Red Cross: India tortured detainees in Kashmir
Of all the shoes we’ve been waiting to see drop in as the cables slowly — slowly — trickle out of the WikiLeaks vault, few seemed as inevitable as India. Considering the country’s intractable standoff with Pakistan, domestic and border conflicts, politically sensitive (for the United States, at least) economic rise, and place in Asia’s ...
Of all the shoes we’ve been waiting to see drop in as the cables slowly — slowly — trickle out of the WikiLeaks vault, few seemed as inevitable as India. Considering the country’s intractable standoff with Pakistan, domestic and border conflicts, politically sensitive (for the United States, at least) economic rise, and place in Asia’s delicate new balance of power, the odds of someone in the New Delhi embassy writing something headline-worthy seemed to be — oh, about 100 percent.
And surprise surprise, someone did:
US officials had evidence of widespread torture by Indian police and security forces and were secretly briefed by Red Cross staff about the systematic abuse of detainees in Kashmir, according to leaked diplomatic cables released tonight.
That’s the lede on today’s Guardian story parsing a handful of newly released State Department documents out of Delhi. (As has been the case over recent days, WikiLeaks itself has been slow and erratic in actually posting the material on which the newspapers entrusted with the whole stash are reporting, but the new ones are available here, here, and here on the Guardian site.) The worst of them concerns a briefing given to embassy officials in April 2005 by the International Committee of the Red Cross (ICRC), in which the (unnamed) Red Cross representative lays out in appalling detail the acts of torture committed by Indian security forces in their prosecution of the quarter-century-long conflict in Kashmir.
Following 1,491 interviews with Kashmiris who had been detained at Indian government facilities in Kashmir from 2002 to 2004, the cable says, “The continued ill-treatment of detainees, despite longstanding ICRC-[government of India] dialogue, have led the ICRC to conclude that … New Delhi condones torture.”
In 852 cases, detainees reported what ICRC refers to as “IT” (ill-treatment): 171 persons were beaten, the remaining 681 subjected to one or more of six forms of torture: electricity (498 cases), suspension from ceiling (381), “roller” (a round metal object put on the thighs of sitting person, which prison personnel then sit on, crushing muscles — 294); stretching (legs split 180 degrees — 181), water (various forms — 234), or sexual (302). Numbers add up to more than 681, as many detainees were subjected to more than one form of IT. ICRC stressed that all the branches of the security forces used these forms of IT and torture.
The Red Cross representative calls this a “representative sample,” but he also makes clear that the organization hadn’t had access to all of the Indian detention facilities. The cable notes that this kind of briefing from the Red Cross was uncommon, and reflected the organization’s sense of desperation in dealing with the Indian government — as well as the hope, if not an outright request, that the embassy might bring some pressure to bear.
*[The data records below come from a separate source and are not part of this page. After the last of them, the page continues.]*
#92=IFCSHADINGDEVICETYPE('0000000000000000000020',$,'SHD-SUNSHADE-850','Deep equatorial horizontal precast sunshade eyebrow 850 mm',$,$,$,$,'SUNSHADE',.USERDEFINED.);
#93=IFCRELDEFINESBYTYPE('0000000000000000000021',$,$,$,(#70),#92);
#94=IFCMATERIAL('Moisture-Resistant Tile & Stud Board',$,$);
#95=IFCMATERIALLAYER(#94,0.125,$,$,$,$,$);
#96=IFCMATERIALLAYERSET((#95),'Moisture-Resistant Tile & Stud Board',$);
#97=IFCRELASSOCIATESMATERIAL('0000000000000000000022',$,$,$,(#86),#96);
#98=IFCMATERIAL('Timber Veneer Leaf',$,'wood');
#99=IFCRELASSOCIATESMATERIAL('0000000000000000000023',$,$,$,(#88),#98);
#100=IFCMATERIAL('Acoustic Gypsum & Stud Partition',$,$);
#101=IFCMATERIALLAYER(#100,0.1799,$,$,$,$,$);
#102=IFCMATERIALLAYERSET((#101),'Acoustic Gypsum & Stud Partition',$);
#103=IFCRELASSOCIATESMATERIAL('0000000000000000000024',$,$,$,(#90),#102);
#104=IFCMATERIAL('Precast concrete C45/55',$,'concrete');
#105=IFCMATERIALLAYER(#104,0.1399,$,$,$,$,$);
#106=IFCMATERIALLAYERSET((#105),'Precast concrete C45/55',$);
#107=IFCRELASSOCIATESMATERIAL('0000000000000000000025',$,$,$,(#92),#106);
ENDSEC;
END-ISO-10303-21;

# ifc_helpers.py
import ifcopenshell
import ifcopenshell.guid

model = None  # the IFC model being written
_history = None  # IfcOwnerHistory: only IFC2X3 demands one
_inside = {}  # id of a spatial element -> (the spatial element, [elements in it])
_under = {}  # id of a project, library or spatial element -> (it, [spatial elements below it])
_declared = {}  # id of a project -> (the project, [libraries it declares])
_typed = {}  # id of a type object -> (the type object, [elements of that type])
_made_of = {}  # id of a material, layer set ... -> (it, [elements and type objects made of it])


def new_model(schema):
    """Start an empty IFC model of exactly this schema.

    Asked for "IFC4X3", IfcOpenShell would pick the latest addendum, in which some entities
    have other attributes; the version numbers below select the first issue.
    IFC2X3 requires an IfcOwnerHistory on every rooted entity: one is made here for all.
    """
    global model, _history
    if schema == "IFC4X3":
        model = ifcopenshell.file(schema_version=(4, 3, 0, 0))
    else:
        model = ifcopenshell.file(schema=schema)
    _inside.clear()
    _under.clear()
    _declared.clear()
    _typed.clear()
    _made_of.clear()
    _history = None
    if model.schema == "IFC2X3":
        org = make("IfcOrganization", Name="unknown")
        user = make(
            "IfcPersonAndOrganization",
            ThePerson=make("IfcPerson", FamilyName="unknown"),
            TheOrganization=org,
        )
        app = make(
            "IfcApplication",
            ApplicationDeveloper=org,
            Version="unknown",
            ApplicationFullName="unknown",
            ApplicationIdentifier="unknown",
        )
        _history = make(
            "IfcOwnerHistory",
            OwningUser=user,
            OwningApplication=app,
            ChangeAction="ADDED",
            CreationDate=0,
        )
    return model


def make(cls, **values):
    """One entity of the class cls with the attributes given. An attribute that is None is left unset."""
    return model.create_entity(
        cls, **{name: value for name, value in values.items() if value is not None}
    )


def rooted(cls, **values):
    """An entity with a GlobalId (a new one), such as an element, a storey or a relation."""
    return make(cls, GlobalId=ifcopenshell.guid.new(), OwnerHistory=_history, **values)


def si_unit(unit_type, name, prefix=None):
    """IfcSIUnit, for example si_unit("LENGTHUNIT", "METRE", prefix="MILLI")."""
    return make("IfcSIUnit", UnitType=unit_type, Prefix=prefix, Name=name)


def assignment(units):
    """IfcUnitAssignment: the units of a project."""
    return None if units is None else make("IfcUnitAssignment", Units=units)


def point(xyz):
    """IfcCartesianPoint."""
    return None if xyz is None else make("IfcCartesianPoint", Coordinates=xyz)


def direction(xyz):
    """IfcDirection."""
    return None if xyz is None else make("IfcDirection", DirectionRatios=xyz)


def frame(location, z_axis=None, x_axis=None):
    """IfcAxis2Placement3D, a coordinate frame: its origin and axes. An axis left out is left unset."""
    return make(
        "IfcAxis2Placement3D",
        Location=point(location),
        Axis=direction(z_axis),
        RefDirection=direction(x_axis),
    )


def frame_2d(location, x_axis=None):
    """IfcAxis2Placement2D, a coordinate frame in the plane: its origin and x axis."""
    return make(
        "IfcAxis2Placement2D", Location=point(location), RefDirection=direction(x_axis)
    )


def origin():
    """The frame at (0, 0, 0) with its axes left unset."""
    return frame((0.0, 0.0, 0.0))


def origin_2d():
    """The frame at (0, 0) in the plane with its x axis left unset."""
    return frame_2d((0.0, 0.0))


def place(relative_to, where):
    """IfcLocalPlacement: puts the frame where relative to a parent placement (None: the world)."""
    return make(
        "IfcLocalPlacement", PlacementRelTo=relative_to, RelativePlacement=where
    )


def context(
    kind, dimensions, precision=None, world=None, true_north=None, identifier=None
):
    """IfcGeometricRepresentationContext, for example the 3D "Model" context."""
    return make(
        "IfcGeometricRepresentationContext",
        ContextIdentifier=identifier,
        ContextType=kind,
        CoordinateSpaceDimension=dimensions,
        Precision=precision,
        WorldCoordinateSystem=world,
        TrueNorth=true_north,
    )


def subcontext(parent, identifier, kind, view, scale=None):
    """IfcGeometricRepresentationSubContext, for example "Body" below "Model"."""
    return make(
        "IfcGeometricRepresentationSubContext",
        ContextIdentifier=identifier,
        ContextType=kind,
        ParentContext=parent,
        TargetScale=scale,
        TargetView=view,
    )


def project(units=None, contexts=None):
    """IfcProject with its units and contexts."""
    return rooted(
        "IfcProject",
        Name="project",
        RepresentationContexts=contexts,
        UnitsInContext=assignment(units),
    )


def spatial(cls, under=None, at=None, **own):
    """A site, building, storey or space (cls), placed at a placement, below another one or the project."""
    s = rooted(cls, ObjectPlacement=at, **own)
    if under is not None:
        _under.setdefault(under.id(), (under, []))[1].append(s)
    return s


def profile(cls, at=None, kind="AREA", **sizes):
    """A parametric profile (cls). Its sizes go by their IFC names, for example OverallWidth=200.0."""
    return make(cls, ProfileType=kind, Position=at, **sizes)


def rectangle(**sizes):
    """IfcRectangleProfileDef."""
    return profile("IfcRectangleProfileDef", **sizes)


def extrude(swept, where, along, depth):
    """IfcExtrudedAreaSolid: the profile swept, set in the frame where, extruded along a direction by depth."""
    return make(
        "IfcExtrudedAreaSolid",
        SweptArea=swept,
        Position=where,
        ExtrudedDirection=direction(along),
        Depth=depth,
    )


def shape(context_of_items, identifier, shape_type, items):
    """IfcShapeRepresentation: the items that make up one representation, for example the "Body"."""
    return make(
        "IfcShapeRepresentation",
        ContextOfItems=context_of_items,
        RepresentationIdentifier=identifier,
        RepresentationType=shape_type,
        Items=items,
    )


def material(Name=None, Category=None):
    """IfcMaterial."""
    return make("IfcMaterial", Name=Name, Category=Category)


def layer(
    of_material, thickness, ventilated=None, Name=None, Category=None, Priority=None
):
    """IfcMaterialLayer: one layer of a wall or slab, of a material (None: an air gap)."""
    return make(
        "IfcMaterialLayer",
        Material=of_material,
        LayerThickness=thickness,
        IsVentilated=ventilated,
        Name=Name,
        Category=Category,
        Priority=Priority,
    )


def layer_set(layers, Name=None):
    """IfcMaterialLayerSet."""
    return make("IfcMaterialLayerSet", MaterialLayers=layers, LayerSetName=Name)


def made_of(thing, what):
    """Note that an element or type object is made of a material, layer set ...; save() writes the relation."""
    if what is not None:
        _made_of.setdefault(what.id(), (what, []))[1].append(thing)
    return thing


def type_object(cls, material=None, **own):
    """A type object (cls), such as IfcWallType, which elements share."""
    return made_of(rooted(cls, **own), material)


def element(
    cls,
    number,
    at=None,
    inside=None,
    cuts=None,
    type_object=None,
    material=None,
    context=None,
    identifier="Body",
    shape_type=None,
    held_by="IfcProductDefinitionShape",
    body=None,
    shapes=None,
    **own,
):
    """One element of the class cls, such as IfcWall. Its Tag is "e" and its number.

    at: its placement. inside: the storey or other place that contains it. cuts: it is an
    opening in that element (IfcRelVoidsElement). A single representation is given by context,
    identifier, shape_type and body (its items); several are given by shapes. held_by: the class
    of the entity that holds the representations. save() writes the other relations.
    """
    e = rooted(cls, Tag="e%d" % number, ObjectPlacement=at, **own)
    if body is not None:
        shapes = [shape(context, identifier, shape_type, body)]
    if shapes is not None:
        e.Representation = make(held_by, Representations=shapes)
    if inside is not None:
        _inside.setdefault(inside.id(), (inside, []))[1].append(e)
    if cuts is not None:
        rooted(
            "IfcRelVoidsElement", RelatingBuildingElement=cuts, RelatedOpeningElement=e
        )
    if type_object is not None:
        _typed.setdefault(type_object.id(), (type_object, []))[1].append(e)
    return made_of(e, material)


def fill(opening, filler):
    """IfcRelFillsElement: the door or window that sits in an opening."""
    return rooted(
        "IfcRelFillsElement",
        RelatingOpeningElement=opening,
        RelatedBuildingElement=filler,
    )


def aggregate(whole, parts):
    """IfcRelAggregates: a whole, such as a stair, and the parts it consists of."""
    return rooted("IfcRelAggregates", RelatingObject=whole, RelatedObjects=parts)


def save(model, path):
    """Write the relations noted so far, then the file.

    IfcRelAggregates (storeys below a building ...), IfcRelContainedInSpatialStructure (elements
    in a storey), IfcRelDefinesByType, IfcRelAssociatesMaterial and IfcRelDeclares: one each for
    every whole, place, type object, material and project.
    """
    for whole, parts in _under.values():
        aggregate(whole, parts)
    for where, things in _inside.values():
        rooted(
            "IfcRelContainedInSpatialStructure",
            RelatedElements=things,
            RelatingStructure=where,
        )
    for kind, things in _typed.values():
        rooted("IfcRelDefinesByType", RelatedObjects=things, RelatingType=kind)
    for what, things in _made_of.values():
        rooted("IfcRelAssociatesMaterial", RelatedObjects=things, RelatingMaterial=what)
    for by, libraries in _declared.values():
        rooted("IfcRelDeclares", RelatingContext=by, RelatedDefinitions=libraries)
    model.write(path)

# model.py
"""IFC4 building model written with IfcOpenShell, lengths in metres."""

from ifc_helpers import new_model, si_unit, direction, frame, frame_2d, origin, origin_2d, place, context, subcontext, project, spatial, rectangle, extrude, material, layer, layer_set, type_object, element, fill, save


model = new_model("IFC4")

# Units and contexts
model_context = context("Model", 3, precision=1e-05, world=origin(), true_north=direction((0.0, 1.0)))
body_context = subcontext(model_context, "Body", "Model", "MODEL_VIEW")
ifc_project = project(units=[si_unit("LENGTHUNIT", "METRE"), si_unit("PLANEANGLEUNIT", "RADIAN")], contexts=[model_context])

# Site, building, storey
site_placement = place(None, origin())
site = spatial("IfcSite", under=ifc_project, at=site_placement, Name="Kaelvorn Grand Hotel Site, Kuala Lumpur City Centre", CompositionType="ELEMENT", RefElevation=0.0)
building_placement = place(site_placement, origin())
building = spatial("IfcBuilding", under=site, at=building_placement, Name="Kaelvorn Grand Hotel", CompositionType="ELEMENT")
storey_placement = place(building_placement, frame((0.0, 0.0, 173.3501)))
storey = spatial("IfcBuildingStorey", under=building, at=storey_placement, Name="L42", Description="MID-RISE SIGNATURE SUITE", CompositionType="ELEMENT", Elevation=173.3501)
(A poignant footnote here is that, according to the 2007 Red Cross report on the CIA’s own horrific treatment of detainees in the war on terrorism that was leaked to the New York Review of Books last year, the Red Cross had filed its first report on the United States’ own detention program five months before the Delhi briefing detailed in the cable — meaning that at least someone in the organization was aware that the country to which the Red Cross was appealing for support in Kashmir was complicit in similar activities elsewhere in the world.)
There is certainly other documentation of similar crimes in Kashmir out there, even if it doesn’t carry the same weight as the Red Cross’s condemnation. In 1993, Physicians for Human Rights released a report on torture of detainees by the Indian government in Kashmir; the 2005 cable notes that “officials have maintained that the human rights situation in Kashmir is ‘much better than it was in the 1990s,’ a view [the Red Cross briefer] also agreed with.” But there have been no shortage of accusations leveled at the Indian government (and, in fact, the Red Cross) in more recent years, as well as the occasional news report. Another cable, signed a year after the Red Cross dispatch by the same author, Charge d’Affaires Robert Blake, matter-of-factly notes that India’s “terrorism investigations and court cases tend to rely upon confessions, many of which are obtained under duress if not beatings, threats, or, in some cases, torture. These factors, along with a creaky and corrupt judiciary, contribute to cases lingering in the courts for years.”
The Guardian teases a few more tidbits in yet-to-be-released India cables, most notably that “Rahul Gandhi, the crown prince of Indian politics, believes Hindu extremists pose a greater threat to his country than Muslim militants, according to the American ambassador to India.” Given Gandhi’s family name and relationship with India’s National Congress Party — whose efforts to play religious politics have gotten a gimlet-eyed treatment from the U.S. embassy in Delhi elsewhere in the WikiLeaks files — that one ought to be good.